I seldom feel pain now, and when I do, I double up my meds for a few days and cut back on fatty foods and eat smaller portions more frequently. Things like peanut butter can seem bland, but the high fat content is the culprit - and possibly more triggering than, say, a jalapeno would be. I'm sorry he's hurting and wish him a speedy recovery!
posted by Unicorn on the cob at 2:40 PM on December 30, 2010


I should add, I was in pain every day for many years even while taking prescription medication. Turns out Tagamet was not good for GERD, but it was good for IBS, and when I switched to Omeprazole I stopped taking 1-2 pills every 4-6 hours and now only take one or two on my worst days. If he's taking lots of antacids and/or pepto, please have him eliminate that from his diet as well if he can tolerate it. Ibuprofen can also trigger stomach pain - I know this isn't diet-related, but if it goes in his mouth, he's technically eating it and it can affect his pain / discomfort levels.
posted by Unicorn on the cob at 2:47 PM on December 30, 2010


I know someone with GERD and IBS. Trigger foods are highly individual, of course, but some of the things that don't often work well for this person include:

• Tomato
• Orange juice
• Ibuprofen
• Mint
• Anything with curry in it
• Hot peppers, jalapeños, etc.

Things that are sometimes OK, sometimes not:

• Hot dogs
• Salad with dressing
• Broccoli
• Pizza
• Chips and dip
• Chips and salsa
• Pasta with tomato sauce
• Low-acid orange juice
• Pomegranate juice
• Cranberry juice
• Hamburgers
• Heavily fried food
• Heavily spiced Indian food
• Highly acidic salad dressing
• Vodka
• Tonic
• Lemon anything
• Beer
• Most fast food

Things that are generally OK:

• Cheese and crackers
• Carrots
• Grilled cheese
• Lean Pockets
• Cereal with milk
• Quaker Oats granola bars
• Chicken
• Bread with I Can't Believe It's Not Butter
• Deli-meat sandwiches
• Pie
• Mustard
• Stuff with garlic in it
• Grapes
• Raspberries
• Blackberries
• Apples
• Salt and pepper
• Uncle Ben's Chicken-Flavored Rice
• Stubb's Chicken Marinade
• Spinach
• Pasta alfredo
• Peanuts
• Dried fruit
• Fruit leather
• Eggs
• Olive oil

And then there's Tums, which can be good in moderation, but can cause problems with excessive use—like Unicorn on the cob points out, some "antacids" can actually make acid problems worse for people with GERD.

Look at the lists starting on p. 188 and p. 62 of this book on Amazon to see more foods that are common triggers, along with their respective pHs. (You should be able to see those pages and a few others via the Look Inside! feature.)
posted by limeonaire at 5:08 PM on December 30, 2010


Oh oh oh—forgot two other completely forbidden foods for this person: Grapefruit and pineapple.

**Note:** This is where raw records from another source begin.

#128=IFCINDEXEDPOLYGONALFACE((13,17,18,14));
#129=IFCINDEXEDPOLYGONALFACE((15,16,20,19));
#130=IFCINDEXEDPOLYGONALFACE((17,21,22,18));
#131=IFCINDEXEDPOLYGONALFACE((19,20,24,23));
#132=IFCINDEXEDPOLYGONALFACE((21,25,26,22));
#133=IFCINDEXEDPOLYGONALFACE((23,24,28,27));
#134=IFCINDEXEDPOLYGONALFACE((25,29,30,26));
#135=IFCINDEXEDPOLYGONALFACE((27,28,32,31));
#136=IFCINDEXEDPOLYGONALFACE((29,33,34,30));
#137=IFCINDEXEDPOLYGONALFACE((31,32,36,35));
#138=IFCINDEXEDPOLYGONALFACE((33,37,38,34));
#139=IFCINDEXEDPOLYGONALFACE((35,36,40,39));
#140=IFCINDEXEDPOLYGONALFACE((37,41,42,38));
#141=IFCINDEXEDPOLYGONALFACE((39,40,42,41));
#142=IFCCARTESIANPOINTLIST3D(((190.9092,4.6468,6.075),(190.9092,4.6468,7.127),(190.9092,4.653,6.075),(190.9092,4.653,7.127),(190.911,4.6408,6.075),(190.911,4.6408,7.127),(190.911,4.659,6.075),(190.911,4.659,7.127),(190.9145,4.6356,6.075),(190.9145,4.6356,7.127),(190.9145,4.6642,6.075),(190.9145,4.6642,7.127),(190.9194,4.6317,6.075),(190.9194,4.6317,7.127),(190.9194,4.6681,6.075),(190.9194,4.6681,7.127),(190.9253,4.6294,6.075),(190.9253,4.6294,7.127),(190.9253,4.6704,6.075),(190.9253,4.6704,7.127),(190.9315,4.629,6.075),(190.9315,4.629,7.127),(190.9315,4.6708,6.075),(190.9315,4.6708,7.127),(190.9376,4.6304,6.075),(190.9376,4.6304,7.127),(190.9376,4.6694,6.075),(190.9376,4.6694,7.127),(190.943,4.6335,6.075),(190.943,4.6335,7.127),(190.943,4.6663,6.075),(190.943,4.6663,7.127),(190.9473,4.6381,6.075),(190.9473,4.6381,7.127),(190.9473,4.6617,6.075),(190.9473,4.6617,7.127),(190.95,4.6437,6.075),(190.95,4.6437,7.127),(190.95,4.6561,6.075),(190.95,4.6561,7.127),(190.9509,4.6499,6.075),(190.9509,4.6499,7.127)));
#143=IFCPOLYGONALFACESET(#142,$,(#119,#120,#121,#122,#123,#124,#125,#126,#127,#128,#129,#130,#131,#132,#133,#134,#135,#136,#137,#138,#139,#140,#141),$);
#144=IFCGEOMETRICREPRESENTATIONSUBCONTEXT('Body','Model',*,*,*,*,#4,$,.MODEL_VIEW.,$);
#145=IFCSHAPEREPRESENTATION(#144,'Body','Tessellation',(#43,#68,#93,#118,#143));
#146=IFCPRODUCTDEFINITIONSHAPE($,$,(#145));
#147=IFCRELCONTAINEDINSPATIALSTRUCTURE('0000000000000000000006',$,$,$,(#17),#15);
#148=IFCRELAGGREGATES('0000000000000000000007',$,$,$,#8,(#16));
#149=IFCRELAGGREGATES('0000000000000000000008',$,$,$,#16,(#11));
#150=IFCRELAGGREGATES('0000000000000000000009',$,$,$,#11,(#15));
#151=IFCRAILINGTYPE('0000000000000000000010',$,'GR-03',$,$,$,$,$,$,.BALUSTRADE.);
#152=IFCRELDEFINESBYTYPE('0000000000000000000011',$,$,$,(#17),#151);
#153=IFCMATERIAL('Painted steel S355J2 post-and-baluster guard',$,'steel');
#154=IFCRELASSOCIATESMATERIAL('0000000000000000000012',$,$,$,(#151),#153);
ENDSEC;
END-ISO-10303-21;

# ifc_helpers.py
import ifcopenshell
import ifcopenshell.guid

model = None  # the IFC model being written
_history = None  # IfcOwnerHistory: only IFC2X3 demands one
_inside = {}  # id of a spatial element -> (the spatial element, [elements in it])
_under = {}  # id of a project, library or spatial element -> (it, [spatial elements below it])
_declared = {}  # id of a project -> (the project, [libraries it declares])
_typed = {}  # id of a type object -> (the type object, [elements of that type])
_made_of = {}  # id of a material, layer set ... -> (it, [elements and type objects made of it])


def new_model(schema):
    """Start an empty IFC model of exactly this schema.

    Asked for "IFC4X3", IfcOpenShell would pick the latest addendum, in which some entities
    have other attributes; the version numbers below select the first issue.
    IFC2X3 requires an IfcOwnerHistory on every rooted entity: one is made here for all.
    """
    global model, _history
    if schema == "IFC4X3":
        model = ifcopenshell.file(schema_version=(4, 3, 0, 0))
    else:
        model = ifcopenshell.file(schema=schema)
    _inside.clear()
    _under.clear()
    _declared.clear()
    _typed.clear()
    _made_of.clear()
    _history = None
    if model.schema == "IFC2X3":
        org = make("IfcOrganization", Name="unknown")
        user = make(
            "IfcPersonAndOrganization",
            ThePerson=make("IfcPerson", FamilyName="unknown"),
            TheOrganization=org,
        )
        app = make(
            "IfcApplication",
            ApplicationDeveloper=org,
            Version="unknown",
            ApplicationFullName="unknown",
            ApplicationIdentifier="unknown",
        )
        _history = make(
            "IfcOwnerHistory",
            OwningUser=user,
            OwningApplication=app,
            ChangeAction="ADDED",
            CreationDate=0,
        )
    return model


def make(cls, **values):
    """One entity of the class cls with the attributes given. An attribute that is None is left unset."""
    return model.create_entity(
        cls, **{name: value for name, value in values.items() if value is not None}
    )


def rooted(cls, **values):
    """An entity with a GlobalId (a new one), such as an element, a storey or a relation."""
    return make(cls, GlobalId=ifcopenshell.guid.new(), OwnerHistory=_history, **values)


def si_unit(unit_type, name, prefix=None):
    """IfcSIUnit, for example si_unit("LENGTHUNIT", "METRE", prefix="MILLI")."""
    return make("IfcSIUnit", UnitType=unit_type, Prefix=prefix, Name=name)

Heh. That's how rarely those foods ever even come up in conversation, I guess.

Bananas are OK; iced tea seems fine; the occasional Cherry Coke or Arizona green tea with ginseng isn't problematic. And this person drinks coffee every day, despite warnings to the contrary.

All of that said, this person is also on meds for GERD. So that may influence which of these foods work OK, too.
posted by limeonaire at 5:13 PM on December 30, 2010


If it's low-fat, I think he'll want to just be really strategic about when he uses it -- so if he can use small amounts of butter, it should be wherever he'll enjoy it most.

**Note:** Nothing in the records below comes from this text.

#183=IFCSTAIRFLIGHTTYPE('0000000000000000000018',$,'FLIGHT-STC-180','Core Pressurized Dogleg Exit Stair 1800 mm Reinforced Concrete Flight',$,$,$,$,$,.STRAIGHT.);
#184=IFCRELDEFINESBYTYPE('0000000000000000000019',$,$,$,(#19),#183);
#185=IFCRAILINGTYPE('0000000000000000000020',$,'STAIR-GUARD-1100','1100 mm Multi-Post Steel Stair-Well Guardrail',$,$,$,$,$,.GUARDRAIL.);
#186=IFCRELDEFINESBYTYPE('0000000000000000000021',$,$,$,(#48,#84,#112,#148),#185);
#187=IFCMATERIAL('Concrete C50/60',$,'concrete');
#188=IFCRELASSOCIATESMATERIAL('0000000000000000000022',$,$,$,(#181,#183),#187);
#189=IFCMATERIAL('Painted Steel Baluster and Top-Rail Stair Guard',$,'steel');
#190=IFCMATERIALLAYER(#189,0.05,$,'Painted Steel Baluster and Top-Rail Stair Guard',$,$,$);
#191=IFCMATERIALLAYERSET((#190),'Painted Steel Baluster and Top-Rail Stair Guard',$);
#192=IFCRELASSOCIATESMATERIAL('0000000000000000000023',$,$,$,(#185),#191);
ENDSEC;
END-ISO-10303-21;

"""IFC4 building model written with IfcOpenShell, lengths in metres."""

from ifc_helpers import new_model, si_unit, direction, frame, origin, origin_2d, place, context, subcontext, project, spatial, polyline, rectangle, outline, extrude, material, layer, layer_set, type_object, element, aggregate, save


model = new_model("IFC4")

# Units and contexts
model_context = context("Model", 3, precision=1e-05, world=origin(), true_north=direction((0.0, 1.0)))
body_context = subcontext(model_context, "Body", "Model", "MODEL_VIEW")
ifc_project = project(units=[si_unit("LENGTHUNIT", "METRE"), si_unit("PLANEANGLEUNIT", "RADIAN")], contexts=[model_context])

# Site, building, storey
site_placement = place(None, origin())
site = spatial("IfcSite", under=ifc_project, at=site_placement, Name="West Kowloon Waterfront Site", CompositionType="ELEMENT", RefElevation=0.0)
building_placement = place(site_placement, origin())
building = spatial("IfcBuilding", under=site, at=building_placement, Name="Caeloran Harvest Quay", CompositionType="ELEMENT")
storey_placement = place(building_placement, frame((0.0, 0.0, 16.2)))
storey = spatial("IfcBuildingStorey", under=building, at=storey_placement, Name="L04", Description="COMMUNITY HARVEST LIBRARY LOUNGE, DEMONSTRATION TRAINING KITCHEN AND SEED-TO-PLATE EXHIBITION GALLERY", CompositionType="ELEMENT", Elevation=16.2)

Is parmesan cheese okay? If so, that will help a lot and make risotto an option.

Lots of soups can be made creamy through pureeing instead of through heavy cream, and that's usually what I do anyway. So potato soup, maybe carrot soup.

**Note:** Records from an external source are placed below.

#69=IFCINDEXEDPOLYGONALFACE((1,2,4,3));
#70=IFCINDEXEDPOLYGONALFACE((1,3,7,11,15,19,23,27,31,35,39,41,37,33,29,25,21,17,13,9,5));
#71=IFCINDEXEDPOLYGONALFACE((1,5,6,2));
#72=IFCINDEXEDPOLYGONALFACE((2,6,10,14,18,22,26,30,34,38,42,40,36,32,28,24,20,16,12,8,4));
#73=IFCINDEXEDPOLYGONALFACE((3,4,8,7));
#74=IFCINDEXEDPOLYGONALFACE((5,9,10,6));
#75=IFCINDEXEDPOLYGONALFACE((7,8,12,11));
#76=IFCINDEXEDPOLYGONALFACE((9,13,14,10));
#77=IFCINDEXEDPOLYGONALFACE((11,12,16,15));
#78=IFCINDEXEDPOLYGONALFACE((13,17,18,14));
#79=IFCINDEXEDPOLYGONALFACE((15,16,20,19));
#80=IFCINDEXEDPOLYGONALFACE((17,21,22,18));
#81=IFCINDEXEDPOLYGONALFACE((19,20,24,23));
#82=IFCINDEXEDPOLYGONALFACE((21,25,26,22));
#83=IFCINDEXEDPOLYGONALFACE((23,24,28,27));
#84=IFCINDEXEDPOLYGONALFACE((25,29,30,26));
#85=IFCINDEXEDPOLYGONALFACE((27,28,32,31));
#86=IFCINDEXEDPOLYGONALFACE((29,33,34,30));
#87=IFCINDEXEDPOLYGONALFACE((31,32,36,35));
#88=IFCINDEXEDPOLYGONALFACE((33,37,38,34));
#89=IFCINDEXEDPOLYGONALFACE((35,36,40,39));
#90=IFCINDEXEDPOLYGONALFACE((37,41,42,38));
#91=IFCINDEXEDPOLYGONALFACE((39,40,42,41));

I'm sure he's sick of them already but poached eggs are great and you can also throw them on a salad. There are some sauces that are egg-based, too, there's a Greek one that I think is mainly bread and pureed hard cooked egg and water. I think with lemon. Is citrus okay in small amounts? It would be good on vegetables.

Looking at some Vegan cookbooks might help with ideas, but he'll want to look for ones that really focus on deliciousness. The Millenium cookbook is good.

I wonder if he could do some interesting things with wonton wrappers, some kind of steamed dumpling with some vegetables.